Quote and Invoice Lifecycle
An invoice is a sale transaction document indicating the products, quantities, and agreed prices for products or services the merchant had provided to the customer for payment, while a quote is an estimate provided to the customer before the provision of the services or products.
Businesses make heavy use of quotes and invoices and they should be aware of their lifecycles as well.
Quote Lifecycle
Quotes let you discuss pricing for a service with a customer.
- Create a quote.
- Send a quote to a customer.
- The customer will receive the quote. He will be able to accept or decline the quote.
- If the customer accepts, the quote will be converted to an invoice. If you have automatic scheduling enabled, the invoice will be delivered on the scheduled date.
- If the customer declines, the quote status will be set to rejected. You can adjust or update the rejected quote.
- If you set an expiration date for the quote and the customer doesn’t accept or reject the quote before the expiration date, the quote’s status will be set to rejected.

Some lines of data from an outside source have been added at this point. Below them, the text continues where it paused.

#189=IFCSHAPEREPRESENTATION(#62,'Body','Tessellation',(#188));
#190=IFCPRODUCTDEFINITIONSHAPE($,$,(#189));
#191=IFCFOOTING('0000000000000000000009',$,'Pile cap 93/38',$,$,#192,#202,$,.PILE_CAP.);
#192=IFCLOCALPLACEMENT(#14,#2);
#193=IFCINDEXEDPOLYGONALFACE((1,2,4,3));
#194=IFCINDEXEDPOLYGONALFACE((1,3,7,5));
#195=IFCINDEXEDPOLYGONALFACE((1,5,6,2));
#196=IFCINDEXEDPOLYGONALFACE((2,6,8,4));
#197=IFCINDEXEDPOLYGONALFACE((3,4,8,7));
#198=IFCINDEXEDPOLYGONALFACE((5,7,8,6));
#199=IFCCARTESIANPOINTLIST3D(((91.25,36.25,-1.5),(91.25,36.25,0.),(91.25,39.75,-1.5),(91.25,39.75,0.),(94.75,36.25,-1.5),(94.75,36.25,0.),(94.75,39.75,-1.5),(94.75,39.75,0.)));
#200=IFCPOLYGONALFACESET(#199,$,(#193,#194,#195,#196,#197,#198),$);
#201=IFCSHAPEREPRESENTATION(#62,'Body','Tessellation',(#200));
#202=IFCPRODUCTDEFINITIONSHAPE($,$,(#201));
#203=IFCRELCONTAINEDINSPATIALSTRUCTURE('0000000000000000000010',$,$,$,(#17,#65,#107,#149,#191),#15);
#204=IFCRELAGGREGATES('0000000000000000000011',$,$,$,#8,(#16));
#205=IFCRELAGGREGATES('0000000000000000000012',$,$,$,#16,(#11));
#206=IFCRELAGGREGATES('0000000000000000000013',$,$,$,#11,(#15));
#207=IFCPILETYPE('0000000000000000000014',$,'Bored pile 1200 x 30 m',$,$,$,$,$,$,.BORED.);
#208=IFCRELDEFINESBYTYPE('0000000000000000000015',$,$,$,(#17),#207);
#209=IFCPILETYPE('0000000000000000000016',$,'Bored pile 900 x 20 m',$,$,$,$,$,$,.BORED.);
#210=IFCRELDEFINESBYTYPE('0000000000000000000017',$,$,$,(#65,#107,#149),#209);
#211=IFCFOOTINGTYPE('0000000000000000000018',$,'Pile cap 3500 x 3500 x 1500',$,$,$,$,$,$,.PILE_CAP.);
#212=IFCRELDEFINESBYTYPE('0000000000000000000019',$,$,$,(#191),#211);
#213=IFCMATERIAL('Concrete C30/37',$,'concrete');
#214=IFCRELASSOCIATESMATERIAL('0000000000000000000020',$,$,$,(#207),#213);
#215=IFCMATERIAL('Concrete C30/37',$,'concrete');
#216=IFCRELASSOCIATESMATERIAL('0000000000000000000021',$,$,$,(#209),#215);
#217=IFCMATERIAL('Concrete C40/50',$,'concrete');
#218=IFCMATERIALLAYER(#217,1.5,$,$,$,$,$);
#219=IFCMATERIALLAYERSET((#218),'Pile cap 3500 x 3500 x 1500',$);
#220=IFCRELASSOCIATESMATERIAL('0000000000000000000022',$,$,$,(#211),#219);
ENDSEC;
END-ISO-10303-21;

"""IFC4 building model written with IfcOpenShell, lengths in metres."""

For hospitality, QUOTE is represented as TQUOTE and INVOICE is representated as TPASS.
Invoice Lifecycle
Depending on how an invoice was created and when the end user pays its balance, an invoice can take several paths.

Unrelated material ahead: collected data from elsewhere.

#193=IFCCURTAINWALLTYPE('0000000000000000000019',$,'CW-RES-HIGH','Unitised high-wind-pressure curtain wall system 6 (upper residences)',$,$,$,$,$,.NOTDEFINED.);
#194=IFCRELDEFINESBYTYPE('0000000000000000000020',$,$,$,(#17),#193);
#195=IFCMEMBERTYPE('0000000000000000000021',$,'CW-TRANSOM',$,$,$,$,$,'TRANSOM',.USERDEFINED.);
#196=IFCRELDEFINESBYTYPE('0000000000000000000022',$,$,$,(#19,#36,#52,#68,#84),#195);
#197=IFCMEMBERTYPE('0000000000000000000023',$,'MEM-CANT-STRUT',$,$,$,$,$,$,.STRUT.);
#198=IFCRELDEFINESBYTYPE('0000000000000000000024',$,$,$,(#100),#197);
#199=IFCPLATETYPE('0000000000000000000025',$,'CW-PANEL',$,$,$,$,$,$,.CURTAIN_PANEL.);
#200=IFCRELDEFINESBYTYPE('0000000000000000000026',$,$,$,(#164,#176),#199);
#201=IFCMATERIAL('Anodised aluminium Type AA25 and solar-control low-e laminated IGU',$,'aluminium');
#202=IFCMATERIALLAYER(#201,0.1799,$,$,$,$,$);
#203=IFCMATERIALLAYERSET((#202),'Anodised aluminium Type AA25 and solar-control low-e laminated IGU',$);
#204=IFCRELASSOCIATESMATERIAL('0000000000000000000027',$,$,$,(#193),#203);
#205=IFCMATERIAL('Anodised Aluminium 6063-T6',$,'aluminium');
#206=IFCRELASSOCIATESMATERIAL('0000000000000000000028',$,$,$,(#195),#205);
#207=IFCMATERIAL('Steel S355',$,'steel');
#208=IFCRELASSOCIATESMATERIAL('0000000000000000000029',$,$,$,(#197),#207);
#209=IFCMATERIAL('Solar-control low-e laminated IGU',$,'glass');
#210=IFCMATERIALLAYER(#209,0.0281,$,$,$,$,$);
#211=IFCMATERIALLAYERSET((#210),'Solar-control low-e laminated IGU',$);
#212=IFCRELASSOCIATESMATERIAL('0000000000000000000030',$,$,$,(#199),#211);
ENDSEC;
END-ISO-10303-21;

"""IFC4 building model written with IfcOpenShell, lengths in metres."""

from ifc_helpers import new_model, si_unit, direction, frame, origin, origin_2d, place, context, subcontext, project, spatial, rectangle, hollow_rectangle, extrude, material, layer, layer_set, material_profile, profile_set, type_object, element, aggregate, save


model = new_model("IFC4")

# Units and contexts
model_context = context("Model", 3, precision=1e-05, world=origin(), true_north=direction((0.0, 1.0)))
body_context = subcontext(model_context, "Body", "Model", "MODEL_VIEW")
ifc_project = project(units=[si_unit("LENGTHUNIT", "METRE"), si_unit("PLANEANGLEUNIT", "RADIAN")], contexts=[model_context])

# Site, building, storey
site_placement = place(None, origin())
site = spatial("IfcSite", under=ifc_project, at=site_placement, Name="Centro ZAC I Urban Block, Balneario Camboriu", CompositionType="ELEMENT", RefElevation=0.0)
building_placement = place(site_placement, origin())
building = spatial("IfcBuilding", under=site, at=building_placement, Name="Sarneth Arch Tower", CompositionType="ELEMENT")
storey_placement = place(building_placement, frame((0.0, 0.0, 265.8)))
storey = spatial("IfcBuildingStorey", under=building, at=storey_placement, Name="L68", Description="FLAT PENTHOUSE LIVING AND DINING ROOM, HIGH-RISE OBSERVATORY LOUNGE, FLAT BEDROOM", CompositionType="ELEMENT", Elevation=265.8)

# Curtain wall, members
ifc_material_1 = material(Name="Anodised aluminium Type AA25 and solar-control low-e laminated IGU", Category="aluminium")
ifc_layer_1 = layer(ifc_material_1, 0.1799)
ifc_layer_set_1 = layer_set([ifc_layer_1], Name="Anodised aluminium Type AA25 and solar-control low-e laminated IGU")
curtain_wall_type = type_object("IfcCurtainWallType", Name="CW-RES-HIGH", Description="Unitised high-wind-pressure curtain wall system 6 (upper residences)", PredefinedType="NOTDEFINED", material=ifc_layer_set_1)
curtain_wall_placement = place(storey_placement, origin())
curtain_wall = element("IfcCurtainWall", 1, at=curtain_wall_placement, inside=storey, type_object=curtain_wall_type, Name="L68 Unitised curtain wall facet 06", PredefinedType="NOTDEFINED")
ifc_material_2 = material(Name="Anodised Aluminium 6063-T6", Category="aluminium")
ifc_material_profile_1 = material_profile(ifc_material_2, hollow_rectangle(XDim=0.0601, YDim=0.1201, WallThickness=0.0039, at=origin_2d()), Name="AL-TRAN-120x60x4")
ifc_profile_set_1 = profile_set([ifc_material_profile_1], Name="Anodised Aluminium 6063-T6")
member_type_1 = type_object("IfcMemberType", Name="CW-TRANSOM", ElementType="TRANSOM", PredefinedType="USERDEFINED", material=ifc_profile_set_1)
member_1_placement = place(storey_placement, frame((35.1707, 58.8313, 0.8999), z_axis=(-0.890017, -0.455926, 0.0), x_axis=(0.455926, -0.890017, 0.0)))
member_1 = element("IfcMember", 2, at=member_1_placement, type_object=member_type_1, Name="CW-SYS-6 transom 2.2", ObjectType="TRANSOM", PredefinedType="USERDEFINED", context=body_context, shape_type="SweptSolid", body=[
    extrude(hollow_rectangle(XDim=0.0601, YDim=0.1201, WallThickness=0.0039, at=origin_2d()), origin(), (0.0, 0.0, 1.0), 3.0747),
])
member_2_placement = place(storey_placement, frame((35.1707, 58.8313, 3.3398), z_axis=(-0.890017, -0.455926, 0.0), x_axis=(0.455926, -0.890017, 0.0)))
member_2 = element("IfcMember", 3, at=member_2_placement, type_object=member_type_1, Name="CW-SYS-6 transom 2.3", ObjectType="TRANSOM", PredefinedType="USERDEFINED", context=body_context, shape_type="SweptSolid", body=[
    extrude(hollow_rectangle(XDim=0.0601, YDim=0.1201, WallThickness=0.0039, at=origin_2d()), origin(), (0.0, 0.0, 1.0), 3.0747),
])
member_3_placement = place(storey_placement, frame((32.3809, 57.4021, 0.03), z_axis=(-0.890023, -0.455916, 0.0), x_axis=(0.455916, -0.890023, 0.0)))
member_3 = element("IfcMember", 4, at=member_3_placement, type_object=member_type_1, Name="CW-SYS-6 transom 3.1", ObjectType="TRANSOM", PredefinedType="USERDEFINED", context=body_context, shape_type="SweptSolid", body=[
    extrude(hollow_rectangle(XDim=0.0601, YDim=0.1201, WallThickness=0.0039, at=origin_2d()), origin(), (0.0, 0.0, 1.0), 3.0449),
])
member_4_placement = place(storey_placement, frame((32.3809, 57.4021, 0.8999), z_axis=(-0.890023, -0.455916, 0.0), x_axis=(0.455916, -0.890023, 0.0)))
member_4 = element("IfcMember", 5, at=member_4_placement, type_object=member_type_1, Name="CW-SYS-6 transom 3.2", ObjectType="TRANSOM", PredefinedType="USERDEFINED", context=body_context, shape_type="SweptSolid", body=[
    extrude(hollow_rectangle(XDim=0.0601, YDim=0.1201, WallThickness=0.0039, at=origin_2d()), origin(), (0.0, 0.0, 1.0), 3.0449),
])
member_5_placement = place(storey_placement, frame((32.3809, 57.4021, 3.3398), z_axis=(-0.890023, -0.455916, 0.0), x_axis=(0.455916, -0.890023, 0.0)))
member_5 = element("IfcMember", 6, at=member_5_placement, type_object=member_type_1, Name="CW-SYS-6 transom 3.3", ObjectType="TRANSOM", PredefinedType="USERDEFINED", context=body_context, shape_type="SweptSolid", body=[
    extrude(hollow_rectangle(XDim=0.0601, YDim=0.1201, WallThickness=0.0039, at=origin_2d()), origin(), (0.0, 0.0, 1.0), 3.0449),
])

In general, an invoice goes through the following steps:
- Create a quote either manually or by converting an accepted quote.

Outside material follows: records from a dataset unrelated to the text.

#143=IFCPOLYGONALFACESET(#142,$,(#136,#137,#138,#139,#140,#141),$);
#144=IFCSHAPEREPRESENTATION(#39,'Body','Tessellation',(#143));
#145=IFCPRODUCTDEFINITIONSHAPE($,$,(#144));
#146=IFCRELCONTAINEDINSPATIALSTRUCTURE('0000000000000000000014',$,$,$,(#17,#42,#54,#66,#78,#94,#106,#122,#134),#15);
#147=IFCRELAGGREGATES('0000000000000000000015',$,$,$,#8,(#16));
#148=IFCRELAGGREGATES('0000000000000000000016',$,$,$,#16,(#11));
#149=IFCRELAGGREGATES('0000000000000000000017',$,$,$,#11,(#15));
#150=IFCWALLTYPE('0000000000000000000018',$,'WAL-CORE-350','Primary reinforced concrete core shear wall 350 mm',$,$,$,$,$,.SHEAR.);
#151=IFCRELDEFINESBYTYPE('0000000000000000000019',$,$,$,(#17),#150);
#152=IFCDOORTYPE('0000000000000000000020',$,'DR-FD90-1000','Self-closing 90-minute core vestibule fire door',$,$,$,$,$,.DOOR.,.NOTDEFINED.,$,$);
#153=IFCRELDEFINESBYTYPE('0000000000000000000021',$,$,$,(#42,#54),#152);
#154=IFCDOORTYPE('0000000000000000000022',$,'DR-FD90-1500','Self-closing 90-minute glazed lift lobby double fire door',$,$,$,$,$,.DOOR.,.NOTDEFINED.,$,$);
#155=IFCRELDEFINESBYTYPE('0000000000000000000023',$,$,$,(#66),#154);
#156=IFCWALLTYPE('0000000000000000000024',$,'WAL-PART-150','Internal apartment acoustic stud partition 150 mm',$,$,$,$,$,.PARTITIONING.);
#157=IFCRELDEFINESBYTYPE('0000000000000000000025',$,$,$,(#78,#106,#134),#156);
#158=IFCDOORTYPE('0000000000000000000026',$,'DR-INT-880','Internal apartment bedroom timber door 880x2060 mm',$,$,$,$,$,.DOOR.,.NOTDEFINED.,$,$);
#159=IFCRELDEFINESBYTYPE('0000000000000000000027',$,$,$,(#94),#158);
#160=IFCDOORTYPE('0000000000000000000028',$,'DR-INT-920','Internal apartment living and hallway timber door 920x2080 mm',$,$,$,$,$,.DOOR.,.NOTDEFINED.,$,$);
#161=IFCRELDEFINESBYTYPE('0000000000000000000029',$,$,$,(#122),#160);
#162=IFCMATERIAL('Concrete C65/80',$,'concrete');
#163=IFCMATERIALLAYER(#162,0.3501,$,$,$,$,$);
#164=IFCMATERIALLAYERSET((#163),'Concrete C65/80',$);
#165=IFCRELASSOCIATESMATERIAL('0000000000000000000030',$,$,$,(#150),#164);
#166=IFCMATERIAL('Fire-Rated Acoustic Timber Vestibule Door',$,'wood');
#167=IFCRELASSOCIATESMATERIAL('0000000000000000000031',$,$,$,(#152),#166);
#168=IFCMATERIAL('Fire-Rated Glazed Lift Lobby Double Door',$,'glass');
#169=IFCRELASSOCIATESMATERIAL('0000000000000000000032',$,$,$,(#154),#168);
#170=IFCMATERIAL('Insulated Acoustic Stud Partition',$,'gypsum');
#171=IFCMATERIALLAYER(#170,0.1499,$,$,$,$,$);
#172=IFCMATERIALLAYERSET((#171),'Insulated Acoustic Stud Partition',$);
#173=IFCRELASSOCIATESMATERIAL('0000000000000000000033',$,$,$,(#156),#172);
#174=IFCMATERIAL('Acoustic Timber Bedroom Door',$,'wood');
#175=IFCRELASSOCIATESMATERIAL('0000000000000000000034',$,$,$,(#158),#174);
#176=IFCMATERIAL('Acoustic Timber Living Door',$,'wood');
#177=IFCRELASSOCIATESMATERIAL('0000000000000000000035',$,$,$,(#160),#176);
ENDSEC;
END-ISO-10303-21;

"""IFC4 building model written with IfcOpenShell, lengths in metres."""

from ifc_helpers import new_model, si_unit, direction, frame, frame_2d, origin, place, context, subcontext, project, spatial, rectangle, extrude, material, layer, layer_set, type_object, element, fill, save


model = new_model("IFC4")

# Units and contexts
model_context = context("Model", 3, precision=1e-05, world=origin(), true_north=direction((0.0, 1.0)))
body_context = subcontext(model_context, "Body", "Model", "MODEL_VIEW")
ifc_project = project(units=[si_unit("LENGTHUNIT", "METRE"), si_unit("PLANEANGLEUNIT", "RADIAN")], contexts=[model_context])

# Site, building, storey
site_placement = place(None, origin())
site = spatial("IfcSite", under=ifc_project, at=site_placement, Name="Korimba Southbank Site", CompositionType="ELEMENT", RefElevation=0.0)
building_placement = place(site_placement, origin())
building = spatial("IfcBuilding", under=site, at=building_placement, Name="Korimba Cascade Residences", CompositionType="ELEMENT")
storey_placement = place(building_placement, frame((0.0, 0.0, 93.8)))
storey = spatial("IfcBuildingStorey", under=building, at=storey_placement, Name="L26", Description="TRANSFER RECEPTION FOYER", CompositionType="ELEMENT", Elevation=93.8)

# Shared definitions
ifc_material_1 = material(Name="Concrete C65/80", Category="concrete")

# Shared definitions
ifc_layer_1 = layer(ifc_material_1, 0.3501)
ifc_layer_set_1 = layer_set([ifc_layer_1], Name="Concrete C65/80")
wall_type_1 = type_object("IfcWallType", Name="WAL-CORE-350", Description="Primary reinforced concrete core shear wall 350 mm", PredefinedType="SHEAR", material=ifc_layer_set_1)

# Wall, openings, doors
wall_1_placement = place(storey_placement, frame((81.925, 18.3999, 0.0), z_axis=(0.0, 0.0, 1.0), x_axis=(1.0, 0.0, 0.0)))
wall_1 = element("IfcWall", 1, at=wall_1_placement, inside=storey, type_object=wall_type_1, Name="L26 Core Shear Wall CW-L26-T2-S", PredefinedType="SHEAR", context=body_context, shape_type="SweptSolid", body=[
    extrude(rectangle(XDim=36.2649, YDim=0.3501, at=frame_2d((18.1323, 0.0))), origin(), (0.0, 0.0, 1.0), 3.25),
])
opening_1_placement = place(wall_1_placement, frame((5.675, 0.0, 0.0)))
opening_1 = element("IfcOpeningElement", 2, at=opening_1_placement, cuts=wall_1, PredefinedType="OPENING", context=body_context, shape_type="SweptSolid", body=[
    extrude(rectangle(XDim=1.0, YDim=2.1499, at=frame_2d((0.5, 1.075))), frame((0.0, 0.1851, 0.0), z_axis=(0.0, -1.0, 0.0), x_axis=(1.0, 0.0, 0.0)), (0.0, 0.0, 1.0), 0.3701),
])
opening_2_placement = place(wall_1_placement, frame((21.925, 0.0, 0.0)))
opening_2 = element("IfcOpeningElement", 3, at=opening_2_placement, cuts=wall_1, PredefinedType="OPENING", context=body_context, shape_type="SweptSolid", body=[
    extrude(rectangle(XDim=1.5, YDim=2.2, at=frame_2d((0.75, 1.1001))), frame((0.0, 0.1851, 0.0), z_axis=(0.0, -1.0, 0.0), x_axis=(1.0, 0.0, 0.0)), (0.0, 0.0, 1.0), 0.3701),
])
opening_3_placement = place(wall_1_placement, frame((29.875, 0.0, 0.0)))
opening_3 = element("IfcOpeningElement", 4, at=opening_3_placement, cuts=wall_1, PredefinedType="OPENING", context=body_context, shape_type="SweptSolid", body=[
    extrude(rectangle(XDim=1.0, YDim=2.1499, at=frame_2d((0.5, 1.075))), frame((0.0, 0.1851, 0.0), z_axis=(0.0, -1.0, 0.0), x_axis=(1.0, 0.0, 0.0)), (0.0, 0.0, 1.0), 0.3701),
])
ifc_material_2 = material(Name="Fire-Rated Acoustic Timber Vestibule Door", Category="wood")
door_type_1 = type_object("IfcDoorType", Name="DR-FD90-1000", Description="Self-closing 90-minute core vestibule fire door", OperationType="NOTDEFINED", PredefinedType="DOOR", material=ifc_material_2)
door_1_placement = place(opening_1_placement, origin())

- Send the invoice to a customer.
- The customer will receive the invoice.
- The customer will be able to pay for the invoice at their convenience by clicking a link to a Hosted Invoice Page (HIP).
For hospitality, the invoices status will remain unpaid until the customer has paid.
- If the customer submits valid payment information, the invoice’s status will be converted to authorized. While the status is set as authorized, merchant can add charges for other services on top of those from the original quote. When the authorization period is completed, the full total will be submitted for processing.